Hier mal ein paar Geräte, und was ich mir so dazu denke.... Bin weiter netürlich auf noch für Vorschläge offen. Zusätzlich zu meinen oben genannten Anforderungen sollte es möglich sein, den Monitor in der Höhe zu justieren und ein USB Hub wäre auch schön!

Dell U3818DW Sehr interessantes Gerät. Von den Werte würde der Monitor auch gut zu meinen Anforderungen passen. Der Preis ist schon ganz schön happig, für das Geld müsste mehr als nur 60 Hz möglich sein.

LG 34GK950F-B Joa, passt eigentlich auch ganz gut zu meinen Anforderungen, allerdings meint rtings: "Unfortunately, like most IPS monitors, it doesn't look as good in a dark room". Für den Preis würde man auch schon 32:9 bekommen. Schade, dass die Elektronikmärkte in meiner Umgebung keine große Auswahl in dem Bereich bieten.


Samsung C49RG9/CRG9 Perverses Teil. Kein Plan, ob der nicht viel zu groß für mich ist. Finde aber auch kein Anbieter dieses Geräts... Finde den Monitor nichtmal bei samsung oder ist es dieser?

Dell Alienware AW3418DW Kostet fast so viel wie der LG 34GK950F-B, ist allerdings nirgends wirklich besser.

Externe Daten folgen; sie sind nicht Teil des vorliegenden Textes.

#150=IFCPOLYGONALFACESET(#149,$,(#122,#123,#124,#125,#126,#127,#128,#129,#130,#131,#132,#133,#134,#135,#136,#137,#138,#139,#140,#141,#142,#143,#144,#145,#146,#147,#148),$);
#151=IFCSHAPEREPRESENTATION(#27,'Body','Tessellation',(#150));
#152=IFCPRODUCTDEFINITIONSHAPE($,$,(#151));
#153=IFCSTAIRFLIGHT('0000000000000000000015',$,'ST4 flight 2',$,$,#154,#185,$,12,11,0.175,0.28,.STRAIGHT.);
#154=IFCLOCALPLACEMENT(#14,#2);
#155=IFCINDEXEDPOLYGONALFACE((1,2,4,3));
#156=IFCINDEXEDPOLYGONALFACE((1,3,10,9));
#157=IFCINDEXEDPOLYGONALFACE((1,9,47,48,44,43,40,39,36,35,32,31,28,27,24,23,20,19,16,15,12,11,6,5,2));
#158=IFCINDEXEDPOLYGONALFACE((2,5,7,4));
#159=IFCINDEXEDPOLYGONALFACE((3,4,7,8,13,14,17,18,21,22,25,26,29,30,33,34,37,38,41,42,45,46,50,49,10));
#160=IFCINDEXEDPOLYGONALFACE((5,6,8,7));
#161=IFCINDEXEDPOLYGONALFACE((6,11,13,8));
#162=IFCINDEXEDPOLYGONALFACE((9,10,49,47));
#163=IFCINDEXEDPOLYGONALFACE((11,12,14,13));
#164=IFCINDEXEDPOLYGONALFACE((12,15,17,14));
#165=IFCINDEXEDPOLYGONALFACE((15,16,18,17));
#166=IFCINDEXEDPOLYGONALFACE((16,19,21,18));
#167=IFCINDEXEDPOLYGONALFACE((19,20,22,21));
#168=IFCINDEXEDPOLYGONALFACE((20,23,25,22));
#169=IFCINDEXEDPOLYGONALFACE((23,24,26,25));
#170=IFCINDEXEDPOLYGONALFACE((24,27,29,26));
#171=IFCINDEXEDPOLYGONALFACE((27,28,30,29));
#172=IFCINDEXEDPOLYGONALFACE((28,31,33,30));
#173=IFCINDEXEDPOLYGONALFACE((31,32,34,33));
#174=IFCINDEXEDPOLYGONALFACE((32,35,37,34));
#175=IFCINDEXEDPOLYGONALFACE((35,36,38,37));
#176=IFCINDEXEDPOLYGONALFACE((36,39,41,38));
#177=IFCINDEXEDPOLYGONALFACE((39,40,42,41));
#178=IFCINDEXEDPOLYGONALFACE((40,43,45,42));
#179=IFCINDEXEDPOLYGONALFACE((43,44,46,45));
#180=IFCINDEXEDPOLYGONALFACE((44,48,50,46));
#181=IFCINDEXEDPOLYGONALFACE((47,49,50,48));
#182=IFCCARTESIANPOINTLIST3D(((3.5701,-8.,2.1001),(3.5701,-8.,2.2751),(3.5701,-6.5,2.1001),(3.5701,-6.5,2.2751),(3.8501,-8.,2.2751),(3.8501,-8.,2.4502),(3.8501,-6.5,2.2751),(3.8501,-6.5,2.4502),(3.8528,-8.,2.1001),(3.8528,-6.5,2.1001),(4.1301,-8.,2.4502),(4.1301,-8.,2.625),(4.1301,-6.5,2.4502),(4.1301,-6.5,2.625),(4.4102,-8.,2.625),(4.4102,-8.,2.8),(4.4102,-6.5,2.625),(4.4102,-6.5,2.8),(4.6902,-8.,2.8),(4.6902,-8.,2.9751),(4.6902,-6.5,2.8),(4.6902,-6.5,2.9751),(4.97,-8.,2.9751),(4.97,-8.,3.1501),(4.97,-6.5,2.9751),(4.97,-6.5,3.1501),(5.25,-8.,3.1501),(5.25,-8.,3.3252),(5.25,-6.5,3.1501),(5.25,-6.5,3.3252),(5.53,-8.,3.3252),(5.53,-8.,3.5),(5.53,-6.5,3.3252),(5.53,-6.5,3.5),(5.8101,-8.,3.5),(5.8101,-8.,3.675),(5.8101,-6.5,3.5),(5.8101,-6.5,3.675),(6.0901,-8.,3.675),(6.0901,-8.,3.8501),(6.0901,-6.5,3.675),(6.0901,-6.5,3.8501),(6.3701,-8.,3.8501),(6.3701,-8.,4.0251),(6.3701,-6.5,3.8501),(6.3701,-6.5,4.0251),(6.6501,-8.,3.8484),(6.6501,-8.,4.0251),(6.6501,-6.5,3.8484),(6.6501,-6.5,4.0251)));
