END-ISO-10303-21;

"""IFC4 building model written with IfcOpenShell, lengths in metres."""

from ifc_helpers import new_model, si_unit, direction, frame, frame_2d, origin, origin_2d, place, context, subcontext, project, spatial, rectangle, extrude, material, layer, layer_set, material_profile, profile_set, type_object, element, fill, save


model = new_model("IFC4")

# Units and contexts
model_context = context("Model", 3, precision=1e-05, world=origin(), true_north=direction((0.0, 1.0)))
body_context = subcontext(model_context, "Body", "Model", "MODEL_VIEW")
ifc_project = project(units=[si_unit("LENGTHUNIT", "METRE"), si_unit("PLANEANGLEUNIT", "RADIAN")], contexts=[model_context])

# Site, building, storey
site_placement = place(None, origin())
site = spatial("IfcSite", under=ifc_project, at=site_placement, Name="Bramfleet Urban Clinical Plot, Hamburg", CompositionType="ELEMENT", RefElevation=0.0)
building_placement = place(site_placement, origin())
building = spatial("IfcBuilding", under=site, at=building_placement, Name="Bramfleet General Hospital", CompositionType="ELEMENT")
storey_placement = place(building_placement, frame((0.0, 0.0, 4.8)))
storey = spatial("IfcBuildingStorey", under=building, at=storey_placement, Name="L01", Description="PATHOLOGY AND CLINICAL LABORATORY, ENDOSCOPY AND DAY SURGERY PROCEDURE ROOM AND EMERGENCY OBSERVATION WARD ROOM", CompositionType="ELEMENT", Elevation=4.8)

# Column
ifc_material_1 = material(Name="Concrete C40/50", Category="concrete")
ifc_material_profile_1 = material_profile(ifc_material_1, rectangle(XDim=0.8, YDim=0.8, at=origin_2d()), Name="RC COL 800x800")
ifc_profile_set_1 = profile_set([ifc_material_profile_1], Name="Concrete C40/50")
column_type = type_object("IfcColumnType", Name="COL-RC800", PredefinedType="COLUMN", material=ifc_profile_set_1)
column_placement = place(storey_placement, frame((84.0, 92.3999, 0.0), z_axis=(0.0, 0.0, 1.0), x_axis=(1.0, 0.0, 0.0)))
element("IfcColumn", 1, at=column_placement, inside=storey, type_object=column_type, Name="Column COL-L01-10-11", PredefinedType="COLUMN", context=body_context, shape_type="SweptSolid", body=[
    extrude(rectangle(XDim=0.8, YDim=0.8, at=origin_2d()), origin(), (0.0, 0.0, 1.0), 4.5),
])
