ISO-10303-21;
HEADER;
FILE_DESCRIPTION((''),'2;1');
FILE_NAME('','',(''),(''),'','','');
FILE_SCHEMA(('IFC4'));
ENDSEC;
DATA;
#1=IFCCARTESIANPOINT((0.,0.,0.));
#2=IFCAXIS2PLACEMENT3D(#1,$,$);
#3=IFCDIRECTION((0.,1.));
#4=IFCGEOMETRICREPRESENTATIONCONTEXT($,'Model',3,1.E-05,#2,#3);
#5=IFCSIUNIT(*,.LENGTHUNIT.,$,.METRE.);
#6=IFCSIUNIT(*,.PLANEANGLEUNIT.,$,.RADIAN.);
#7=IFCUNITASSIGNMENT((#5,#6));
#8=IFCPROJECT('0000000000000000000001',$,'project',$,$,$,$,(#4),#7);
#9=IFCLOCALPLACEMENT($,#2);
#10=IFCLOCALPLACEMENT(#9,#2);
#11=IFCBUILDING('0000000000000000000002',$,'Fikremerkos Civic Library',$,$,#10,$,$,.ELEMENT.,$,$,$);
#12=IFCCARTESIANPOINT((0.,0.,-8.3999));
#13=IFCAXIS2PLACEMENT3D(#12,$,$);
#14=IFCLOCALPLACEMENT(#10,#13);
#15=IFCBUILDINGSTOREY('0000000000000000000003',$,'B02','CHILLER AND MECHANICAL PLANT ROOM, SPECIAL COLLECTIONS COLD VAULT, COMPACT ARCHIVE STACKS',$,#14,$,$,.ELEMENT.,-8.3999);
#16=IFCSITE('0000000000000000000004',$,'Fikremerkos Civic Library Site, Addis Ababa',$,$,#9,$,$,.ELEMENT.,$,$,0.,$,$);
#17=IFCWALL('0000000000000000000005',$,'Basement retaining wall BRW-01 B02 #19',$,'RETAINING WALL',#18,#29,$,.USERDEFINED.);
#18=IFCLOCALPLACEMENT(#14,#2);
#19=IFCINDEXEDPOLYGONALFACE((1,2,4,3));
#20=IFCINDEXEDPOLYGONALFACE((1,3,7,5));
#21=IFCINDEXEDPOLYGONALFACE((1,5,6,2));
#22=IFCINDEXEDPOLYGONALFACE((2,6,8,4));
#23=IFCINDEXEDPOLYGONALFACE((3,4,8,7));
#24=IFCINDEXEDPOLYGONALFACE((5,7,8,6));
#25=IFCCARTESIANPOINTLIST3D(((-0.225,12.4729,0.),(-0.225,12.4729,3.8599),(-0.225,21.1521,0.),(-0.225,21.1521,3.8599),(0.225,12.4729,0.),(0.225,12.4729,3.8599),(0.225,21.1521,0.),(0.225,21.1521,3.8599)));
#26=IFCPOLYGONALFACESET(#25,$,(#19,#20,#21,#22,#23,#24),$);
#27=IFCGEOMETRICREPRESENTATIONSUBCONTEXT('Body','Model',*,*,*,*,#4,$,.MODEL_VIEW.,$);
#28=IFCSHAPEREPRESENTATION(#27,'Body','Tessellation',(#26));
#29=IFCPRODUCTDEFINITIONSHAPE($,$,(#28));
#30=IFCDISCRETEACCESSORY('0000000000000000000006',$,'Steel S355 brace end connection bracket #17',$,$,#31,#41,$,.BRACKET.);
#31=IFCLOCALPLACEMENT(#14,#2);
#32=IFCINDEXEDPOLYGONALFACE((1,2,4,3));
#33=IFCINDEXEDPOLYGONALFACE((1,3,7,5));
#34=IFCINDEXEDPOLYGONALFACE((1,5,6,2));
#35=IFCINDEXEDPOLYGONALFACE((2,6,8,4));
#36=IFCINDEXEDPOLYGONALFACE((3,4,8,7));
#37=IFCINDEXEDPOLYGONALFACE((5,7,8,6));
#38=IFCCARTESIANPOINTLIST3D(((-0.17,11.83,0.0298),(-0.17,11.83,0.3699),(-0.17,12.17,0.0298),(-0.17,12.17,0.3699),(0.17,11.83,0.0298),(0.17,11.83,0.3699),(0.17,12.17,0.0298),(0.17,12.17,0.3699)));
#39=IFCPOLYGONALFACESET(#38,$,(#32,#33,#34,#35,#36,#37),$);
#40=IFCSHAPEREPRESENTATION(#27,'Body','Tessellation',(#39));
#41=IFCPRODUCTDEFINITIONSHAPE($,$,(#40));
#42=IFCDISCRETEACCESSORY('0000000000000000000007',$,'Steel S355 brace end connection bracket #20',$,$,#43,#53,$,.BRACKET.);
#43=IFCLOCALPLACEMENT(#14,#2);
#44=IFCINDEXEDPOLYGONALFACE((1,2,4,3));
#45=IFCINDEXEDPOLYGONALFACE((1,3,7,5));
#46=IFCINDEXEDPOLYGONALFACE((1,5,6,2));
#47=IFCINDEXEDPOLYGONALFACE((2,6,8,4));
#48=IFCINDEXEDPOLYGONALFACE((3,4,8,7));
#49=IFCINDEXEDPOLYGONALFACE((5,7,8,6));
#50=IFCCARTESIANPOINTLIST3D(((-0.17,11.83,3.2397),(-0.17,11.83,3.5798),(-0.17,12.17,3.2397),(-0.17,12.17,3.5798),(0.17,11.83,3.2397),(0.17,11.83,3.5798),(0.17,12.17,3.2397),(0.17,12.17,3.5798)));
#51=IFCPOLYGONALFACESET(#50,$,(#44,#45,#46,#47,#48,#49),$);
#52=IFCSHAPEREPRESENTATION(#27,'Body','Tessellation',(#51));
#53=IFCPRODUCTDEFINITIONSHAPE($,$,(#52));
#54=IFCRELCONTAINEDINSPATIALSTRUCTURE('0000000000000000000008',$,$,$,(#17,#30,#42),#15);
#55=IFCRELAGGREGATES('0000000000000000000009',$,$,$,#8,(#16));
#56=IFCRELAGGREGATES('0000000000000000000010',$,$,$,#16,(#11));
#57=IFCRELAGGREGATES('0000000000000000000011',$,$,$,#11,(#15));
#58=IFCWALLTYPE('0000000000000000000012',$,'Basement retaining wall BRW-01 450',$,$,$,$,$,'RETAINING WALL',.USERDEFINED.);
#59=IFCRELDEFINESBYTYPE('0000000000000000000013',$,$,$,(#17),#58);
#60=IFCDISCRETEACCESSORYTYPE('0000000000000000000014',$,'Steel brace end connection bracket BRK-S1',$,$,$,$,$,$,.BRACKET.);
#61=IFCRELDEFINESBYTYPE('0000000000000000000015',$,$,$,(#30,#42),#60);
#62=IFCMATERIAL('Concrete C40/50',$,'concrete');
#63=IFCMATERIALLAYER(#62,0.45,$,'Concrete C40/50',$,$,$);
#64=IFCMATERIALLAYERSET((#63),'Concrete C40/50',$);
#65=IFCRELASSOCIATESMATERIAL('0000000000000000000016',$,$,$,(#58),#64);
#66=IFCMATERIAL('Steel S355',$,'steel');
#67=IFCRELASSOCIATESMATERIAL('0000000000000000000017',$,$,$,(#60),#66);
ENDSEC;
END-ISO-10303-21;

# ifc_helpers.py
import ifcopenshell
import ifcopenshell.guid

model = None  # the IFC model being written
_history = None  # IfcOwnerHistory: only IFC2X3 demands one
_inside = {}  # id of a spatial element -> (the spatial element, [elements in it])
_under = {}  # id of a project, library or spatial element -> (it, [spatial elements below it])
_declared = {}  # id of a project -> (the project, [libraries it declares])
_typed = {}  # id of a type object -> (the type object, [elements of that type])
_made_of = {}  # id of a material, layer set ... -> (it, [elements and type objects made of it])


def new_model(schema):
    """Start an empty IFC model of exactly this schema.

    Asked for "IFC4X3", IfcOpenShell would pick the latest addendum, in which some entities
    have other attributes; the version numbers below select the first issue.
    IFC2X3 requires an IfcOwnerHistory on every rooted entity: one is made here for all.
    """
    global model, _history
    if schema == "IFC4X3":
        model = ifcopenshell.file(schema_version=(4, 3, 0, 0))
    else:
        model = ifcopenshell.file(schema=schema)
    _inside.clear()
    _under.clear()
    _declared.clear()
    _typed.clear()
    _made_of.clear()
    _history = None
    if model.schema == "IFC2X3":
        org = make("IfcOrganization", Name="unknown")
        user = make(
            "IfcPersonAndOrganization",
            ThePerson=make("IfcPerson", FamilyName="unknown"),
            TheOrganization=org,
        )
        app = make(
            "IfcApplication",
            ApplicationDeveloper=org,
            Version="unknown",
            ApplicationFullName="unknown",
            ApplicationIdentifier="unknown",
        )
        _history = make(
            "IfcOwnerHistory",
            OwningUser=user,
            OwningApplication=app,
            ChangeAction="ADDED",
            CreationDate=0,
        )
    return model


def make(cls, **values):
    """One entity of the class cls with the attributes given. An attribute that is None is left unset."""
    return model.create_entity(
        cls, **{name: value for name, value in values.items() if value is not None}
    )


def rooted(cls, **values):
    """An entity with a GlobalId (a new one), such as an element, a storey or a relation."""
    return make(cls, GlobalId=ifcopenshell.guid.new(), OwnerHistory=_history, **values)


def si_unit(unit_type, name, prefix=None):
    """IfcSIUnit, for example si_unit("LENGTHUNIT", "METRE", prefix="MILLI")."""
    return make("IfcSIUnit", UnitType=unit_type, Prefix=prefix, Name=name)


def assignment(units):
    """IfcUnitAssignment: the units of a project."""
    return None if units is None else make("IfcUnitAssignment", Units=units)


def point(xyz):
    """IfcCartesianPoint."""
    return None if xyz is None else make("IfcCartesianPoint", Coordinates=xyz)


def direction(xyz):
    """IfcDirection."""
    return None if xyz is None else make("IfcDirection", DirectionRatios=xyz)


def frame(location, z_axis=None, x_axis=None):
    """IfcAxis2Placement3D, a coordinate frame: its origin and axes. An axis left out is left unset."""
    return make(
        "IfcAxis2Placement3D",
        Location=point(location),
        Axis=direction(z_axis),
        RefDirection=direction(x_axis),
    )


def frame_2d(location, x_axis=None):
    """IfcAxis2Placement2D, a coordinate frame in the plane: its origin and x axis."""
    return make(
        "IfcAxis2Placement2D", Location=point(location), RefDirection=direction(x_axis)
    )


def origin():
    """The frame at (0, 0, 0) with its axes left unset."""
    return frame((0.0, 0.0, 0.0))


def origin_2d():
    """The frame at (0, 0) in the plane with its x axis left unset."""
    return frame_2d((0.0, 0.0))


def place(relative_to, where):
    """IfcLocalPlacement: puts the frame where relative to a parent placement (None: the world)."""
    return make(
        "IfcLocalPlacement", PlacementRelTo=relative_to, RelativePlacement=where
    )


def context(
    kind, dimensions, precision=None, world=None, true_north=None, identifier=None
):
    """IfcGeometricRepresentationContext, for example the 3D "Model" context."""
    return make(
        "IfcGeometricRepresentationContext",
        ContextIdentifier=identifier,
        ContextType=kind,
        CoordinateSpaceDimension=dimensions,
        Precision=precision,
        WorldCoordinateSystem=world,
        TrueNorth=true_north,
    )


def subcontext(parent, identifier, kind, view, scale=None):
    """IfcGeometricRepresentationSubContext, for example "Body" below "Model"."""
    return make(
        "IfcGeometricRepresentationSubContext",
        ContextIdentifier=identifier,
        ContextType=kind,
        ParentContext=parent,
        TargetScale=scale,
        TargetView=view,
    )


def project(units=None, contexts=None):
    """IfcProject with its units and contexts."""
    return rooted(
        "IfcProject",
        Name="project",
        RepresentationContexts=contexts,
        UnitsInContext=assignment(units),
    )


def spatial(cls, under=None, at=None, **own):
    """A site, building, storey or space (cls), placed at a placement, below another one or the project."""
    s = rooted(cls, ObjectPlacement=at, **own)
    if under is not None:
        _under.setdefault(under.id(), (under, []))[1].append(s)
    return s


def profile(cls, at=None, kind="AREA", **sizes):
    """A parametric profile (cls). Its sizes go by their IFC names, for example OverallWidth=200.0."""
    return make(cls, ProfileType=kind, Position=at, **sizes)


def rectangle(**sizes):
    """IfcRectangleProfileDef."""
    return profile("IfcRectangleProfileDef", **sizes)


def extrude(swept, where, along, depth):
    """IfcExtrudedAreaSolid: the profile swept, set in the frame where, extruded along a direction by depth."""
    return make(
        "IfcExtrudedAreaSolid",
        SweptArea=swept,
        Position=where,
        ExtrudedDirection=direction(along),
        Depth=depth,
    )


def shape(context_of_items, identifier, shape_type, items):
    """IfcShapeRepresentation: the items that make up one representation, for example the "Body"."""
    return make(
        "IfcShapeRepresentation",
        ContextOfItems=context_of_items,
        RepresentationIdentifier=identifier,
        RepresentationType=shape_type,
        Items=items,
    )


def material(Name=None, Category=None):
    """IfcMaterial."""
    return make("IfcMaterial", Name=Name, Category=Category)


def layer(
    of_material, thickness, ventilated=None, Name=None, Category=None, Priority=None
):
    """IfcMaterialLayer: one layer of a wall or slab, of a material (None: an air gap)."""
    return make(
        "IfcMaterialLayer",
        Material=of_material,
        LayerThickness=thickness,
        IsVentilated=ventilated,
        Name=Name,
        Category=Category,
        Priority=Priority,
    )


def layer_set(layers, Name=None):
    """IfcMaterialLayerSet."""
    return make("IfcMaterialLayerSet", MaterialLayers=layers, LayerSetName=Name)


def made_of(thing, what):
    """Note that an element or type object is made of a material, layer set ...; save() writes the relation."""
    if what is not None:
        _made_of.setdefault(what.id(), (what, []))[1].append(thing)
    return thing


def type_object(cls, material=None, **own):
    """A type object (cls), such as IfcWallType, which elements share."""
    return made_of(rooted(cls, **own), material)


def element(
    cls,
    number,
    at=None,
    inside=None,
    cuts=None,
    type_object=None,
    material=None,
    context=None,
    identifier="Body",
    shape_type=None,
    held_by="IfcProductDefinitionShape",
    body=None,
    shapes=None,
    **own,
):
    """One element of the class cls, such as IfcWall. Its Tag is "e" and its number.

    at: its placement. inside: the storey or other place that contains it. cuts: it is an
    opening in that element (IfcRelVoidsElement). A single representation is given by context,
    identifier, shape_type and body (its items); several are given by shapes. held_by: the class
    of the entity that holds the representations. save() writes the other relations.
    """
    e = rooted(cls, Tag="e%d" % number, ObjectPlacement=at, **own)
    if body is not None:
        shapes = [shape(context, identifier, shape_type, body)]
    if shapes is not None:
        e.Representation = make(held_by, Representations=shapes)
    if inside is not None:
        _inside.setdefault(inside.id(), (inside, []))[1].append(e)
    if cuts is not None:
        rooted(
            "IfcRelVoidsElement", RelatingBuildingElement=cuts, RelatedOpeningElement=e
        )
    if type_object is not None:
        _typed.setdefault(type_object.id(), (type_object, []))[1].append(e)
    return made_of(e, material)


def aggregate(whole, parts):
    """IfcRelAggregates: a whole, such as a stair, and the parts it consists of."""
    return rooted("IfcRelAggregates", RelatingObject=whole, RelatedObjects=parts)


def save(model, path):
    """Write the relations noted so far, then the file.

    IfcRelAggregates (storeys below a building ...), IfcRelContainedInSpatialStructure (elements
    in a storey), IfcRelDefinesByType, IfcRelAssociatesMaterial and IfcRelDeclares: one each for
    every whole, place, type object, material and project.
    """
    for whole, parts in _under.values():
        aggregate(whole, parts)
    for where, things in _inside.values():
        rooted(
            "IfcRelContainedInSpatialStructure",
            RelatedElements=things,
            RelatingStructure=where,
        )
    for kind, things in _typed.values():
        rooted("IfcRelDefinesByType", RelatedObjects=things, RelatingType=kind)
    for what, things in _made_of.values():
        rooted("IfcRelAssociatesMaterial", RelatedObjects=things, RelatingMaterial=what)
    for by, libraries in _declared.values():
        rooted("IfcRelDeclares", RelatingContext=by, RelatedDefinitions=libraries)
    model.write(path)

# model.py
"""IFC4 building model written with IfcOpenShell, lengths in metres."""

from ifc_helpers import new_model, si_unit, direction, frame, frame_2d, origin, origin_2d, place, context, subcontext, project, spatial, rectangle, extrude, material, layer, layer_set, type_object, element, save


model = new_model("IFC4")

# Units and contexts
model_context = context("Model", 3, precision=1e-05, world=origin(), true_north=direction((0.0, 1.0)))
body_context = subcontext(model_context, "Body", "Model", "MODEL_VIEW")
ifc_project = project(units=[si_unit("LENGTHUNIT", "METRE"), si_unit("PLANEANGLEUNIT", "RADIAN")], contexts=[model_context])

# Site, building, storey
site_placement = place(None, origin())
site = spatial("IfcSite", under=ifc_project, at=site_placement, Name="Fikremerkos Civic Library Site, Addis Ababa", CompositionType="ELEMENT", RefElevation=0.0)
building_placement = place(site_placement, origin())
building = spatial("IfcBuilding", under=site, at=building_placement, Name="Fikremerkos Civic Library", CompositionType="ELEMENT")
storey_placement = place(building_placement, frame((0.0, 0.0, -8.3999)))
storey = spatial("IfcBuildingStorey", under=building, at=storey_placement, Name="B02", Description="CHILLER AND MECHANICAL PLANT ROOM, SPECIAL COLLECTIONS COLD VAULT, COMPACT ARCHIVE STACKS", CompositionType="ELEMENT", Elevation=-8.3999)

# Shared definitions
ifc_material_1 = material(Name="Concrete C40/50", Category="concrete")

# Shared definitions
ifc_material_2 = material(Name="Steel S355", Category="steel")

Die genannten Modelle liegen eher im hochpreisigen Segment, wie gesagt, bin ich auch für P/L-Tipps offen. Dann sollten die aber eher günstig sein. Bin eher so eingestellt, einmal richtig und dafür langfristig zu investieren. Habt ihr noch weitere Modelle, die ich mir anschauen muss? Wie groß ist der Unterschied zwischen IPS und VA heutzutage? Mein 7 Jahre alter VA Monitor ist richtig blass neben einem IPS Monitor.


----------



## kasiii (27. Oktober 2019)

Gibt es zu dem ViewSonic XG350R-C Erfahrungen?


----------